What is Hepatitis A virus?

Hepatitis A virus (or HAV) is a virus that can be found in the gut of people and other primates. There are many different hepatitis viruses but only the Hepatitis A and Hepatitis E viruses cause foodborne illness.

What illness does it cause?

Hepatitis A (an infection of the gut and liver). This illness is a nationally notifiable disease and must be reported to health authorities.

What are the symptoms?

Symptoms of Hepatitis A range from mild to severe and include fever, loss of appetite, diarrhoea, nausea, abdominal pain, dark-coloured urine and jaundice (a yellowing of the skin and whites of the eyes). Symptoms usually start 28–30 days from exposure to the virus, but the timing can range from 15–50 days and usually last for 1-2 weeks but can last for several months. Children under 6 years old do not usually have noticeable symptoms.

Sometimes infected people have no symptoms.

Unlike some other types of hepatitis, Hepatitis A does not cause long-term liver disease.

Who can get sick?

People who have not had Hepatitis A virus before and people who have not been vaccinated against Hepatitis A.

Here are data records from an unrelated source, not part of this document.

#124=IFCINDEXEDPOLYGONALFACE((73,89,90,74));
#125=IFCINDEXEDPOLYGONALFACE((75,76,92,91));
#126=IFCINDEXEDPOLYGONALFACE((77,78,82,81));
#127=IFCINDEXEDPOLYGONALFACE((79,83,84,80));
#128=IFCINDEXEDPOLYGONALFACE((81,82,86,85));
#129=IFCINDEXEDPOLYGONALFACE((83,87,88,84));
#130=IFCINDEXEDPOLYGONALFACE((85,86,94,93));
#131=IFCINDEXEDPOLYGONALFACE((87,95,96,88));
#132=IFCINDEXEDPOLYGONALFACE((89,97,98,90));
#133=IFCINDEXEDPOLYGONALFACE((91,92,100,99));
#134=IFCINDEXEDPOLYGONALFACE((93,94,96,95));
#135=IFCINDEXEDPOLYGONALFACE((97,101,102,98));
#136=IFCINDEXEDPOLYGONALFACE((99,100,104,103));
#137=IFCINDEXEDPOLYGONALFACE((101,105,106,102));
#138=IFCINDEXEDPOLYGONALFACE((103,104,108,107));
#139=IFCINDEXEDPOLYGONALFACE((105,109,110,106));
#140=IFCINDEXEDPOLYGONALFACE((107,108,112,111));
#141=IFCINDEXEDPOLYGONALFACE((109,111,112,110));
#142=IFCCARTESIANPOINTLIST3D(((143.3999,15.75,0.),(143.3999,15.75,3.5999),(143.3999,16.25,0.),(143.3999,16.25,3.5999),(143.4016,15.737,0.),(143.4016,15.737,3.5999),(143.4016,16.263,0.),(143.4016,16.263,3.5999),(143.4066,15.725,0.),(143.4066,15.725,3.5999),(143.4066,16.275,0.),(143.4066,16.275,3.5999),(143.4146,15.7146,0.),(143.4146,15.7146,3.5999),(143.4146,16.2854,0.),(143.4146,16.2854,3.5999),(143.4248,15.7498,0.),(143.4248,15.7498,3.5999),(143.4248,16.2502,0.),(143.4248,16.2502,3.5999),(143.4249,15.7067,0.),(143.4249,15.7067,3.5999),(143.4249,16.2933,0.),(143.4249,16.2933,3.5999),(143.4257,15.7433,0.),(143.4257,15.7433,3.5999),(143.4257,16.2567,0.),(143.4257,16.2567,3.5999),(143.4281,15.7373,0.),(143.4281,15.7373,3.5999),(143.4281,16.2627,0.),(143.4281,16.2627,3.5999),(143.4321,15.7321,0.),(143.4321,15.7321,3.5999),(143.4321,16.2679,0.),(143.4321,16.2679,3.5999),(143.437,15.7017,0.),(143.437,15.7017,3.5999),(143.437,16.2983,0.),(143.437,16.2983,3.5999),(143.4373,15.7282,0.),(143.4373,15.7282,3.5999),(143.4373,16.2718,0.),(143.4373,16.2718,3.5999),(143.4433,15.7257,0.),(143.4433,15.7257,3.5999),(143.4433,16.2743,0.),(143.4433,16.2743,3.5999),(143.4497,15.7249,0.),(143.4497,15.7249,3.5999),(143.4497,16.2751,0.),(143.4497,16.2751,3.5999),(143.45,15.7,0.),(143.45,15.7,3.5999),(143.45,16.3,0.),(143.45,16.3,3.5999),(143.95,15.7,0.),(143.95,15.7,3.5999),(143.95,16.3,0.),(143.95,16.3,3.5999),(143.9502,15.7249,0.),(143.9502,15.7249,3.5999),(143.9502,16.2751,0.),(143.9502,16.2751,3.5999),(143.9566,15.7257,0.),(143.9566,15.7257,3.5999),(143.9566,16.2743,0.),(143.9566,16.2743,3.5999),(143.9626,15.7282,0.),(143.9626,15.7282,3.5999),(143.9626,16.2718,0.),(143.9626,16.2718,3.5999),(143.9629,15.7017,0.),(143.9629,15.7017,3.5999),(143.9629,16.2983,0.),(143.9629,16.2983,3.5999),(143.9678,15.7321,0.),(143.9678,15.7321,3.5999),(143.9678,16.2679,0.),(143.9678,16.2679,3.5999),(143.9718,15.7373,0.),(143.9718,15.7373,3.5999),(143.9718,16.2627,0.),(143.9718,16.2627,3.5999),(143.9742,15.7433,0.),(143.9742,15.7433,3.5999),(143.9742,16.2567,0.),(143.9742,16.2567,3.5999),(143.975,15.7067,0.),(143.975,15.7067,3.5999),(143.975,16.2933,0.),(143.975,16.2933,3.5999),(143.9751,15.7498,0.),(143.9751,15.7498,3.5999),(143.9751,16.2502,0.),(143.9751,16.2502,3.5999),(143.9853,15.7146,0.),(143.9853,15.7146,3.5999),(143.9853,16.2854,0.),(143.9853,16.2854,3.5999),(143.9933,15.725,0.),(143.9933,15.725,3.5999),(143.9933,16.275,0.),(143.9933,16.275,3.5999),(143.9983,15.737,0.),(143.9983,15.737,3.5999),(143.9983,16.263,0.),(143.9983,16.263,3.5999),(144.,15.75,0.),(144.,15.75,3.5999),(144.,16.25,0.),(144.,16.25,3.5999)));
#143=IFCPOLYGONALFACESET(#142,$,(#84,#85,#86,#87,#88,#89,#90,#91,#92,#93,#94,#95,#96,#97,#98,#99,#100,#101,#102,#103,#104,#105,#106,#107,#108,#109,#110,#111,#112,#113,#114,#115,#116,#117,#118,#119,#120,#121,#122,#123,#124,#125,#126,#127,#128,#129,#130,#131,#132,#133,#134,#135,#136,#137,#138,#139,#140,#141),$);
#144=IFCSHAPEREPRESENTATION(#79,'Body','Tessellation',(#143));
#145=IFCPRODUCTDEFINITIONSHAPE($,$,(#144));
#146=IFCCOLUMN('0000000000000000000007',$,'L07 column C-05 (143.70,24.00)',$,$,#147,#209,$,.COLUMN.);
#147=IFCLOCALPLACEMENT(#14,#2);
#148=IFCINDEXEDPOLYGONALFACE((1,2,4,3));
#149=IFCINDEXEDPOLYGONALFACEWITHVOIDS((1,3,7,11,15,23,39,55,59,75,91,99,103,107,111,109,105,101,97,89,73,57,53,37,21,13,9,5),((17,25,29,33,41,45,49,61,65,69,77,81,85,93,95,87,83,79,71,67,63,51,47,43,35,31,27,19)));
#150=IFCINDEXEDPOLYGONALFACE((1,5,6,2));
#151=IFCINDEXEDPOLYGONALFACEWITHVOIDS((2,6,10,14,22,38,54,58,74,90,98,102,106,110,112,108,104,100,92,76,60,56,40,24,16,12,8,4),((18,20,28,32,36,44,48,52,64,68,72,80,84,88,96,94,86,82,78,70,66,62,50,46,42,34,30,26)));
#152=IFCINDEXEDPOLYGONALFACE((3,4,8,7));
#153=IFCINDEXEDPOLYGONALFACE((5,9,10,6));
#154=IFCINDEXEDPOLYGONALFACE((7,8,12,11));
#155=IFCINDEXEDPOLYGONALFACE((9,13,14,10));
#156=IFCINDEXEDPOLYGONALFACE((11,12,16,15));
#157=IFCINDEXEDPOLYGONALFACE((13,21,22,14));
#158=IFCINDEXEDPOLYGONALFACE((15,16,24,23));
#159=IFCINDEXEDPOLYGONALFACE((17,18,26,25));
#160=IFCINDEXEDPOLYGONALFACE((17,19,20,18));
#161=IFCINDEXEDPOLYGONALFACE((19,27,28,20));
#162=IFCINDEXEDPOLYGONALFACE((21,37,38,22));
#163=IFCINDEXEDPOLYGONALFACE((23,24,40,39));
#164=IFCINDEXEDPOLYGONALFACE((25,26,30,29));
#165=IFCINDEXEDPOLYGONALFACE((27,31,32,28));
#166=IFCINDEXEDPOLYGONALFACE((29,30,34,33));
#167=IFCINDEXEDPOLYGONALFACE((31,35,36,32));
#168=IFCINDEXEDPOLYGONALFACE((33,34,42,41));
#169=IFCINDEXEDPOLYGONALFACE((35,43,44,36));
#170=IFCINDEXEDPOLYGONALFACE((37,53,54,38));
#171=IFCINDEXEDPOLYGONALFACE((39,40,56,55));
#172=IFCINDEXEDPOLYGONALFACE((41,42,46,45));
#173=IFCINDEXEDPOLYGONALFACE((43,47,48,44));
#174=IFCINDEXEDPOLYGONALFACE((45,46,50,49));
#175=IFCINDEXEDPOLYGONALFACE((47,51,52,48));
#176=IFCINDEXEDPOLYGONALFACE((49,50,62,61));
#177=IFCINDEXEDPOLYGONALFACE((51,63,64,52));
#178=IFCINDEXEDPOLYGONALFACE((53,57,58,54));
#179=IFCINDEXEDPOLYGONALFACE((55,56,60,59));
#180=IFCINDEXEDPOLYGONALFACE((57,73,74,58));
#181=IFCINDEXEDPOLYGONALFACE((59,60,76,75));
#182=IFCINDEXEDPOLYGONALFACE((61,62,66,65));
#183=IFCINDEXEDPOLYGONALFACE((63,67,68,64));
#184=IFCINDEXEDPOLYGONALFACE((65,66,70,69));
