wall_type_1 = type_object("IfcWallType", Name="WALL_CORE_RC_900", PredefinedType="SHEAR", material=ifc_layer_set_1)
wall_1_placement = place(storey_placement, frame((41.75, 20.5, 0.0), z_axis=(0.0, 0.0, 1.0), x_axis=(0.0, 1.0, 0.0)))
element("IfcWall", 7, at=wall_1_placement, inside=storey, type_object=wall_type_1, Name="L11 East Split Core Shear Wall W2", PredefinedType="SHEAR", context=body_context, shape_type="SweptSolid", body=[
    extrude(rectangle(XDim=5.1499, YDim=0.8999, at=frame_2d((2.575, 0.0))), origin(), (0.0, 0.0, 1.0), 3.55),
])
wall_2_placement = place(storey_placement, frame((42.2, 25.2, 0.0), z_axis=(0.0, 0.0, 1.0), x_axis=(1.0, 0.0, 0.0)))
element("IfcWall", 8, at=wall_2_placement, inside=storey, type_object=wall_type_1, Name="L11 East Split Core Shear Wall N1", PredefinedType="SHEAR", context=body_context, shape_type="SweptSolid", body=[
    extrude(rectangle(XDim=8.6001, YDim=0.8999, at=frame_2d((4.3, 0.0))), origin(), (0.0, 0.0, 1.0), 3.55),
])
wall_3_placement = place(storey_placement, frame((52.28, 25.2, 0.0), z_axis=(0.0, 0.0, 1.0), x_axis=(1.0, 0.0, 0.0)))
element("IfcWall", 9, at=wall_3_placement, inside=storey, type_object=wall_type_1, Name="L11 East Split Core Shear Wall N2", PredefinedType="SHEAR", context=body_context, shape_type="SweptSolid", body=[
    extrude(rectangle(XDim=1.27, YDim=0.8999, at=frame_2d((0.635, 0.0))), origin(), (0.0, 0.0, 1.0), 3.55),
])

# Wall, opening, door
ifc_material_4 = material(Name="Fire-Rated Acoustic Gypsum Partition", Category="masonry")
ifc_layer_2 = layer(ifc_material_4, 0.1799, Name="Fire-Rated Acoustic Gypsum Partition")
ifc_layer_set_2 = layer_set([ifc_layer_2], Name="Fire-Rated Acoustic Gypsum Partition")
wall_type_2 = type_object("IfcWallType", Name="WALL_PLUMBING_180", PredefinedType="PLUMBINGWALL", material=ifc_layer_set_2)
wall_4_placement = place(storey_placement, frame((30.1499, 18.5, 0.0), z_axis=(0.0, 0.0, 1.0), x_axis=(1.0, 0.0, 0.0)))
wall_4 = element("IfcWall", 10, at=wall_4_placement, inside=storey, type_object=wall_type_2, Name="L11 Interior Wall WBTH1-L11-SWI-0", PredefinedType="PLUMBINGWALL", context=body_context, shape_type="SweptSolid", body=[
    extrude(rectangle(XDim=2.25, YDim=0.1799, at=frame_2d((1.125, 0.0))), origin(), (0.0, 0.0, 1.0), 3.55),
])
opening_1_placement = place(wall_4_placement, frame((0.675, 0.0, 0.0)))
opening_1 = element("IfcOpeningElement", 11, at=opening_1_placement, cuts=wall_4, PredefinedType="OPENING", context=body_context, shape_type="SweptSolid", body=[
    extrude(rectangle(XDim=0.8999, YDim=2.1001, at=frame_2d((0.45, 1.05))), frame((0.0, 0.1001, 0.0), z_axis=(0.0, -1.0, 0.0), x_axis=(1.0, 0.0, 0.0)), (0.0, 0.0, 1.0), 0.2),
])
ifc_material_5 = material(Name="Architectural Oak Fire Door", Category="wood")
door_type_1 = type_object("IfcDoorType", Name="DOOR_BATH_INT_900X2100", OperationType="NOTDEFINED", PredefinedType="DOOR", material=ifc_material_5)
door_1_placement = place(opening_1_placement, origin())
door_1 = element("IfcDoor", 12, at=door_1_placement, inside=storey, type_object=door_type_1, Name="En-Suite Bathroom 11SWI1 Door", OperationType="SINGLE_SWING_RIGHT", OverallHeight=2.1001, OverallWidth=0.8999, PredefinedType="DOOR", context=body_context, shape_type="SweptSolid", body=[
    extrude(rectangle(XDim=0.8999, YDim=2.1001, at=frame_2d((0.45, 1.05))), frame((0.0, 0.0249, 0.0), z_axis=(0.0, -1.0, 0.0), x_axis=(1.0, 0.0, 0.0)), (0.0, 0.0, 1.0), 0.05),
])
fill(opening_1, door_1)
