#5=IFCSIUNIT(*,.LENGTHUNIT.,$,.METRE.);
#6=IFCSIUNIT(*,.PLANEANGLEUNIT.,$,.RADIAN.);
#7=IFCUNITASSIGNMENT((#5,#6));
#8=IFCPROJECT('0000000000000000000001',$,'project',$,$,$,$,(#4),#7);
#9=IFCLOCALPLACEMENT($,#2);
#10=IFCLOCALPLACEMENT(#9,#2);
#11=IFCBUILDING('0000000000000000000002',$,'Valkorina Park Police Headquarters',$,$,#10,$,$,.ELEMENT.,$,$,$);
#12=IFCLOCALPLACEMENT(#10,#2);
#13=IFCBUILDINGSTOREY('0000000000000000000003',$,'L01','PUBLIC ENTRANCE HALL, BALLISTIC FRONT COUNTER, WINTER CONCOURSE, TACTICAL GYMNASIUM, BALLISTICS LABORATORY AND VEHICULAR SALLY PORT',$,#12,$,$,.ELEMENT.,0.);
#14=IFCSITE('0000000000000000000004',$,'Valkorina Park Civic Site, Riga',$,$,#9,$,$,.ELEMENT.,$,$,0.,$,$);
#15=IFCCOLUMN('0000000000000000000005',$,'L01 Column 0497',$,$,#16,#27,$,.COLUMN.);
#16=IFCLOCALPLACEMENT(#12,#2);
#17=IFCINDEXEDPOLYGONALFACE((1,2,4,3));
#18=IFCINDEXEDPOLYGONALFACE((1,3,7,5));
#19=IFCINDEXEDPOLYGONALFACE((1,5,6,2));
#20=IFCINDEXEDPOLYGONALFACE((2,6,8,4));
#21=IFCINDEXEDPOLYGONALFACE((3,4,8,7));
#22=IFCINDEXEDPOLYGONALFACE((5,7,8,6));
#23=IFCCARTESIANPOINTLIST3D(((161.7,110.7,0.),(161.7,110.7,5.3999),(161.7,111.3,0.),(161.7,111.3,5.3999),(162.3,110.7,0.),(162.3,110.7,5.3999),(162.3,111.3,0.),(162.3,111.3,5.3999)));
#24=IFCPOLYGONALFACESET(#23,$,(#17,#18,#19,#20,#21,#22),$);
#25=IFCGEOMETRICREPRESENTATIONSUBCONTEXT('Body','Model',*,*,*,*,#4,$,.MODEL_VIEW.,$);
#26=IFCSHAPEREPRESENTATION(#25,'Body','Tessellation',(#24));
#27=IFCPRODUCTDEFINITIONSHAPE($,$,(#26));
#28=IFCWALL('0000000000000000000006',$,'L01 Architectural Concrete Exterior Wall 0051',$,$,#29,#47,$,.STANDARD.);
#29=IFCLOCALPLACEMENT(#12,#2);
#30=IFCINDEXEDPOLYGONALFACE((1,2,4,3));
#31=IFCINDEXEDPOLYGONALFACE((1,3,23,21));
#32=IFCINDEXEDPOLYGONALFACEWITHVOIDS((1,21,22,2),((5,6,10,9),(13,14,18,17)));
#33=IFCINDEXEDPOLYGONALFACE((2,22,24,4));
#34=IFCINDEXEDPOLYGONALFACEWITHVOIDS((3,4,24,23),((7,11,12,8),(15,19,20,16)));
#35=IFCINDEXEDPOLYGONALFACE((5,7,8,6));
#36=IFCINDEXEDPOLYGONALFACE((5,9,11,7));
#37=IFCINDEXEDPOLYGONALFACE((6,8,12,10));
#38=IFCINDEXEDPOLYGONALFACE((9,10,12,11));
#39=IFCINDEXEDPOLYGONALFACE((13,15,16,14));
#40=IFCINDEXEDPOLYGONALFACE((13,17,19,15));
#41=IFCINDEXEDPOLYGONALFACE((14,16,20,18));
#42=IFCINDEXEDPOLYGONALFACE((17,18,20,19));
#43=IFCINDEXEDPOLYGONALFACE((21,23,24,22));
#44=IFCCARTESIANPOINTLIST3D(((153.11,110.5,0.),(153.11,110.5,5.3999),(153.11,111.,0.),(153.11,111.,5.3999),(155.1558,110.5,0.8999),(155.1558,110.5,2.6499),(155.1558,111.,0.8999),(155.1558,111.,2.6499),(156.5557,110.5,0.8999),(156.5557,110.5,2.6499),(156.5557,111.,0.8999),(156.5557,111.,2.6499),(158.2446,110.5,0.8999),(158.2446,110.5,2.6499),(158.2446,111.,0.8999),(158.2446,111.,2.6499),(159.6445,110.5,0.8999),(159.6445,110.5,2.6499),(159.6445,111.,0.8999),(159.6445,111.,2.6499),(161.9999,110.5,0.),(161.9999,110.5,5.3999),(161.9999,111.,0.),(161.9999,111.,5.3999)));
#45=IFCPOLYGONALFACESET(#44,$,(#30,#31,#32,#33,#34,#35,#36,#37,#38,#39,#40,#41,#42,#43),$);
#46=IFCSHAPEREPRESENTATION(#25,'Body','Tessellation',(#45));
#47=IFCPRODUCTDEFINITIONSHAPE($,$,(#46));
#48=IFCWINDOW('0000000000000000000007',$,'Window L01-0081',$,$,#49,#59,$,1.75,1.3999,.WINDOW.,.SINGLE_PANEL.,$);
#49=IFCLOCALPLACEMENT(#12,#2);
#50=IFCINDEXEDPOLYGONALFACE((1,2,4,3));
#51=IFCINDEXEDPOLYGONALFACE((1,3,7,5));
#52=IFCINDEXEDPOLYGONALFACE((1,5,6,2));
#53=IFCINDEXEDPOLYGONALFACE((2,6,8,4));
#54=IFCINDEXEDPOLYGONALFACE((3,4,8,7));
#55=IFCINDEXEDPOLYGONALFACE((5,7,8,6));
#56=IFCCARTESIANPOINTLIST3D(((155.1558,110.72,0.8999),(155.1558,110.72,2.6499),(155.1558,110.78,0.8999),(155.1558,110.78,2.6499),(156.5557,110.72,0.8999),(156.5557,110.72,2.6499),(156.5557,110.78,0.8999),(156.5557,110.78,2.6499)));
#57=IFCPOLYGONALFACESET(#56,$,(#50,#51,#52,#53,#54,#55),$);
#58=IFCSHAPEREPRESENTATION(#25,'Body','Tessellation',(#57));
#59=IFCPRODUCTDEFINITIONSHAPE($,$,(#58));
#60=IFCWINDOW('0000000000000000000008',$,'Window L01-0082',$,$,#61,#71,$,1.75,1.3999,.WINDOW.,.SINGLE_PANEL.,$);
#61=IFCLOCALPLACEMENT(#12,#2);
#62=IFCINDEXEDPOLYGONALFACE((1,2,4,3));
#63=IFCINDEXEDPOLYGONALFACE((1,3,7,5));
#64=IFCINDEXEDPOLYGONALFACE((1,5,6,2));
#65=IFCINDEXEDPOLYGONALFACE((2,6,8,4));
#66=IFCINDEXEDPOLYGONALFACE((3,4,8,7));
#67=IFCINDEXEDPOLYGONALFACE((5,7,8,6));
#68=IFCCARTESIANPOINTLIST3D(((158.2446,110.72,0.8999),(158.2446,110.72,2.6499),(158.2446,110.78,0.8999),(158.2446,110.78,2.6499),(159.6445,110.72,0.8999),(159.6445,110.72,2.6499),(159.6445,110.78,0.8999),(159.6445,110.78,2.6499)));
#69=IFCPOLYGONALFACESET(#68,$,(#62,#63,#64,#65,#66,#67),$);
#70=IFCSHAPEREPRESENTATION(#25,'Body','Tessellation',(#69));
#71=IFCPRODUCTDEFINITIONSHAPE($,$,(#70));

Older people (not previously infected or vaccinated) could be more likely to have severe symptoms and die.

Where does it come from?

The virus can get into water and food from the faeces (poo) or blood of an infected person, for example through poor hand washing or contact with sewerage. The virus can stay infectious in the environment for a long time and might not be destroyed by processes usually used to control bacteria in food production.

Common foods that can be contaminated with Hepatitis A virus include bivalve molluscan shellfish (e.g. oysters), fresh produce such as salads and fruits, and raw or only lightly processed vegetables/fruit.

People who travel to developing countries where sanitation is poor may pick up Hepatitis A virus.

How can people get sick?

  • By eating or drinking contaminated food or water
  • From infected people transferring the virus to food, cutlery and other things they touch
  • Through close contact with an infectious person or their personal items (towels, drinkware, nappies, etc.)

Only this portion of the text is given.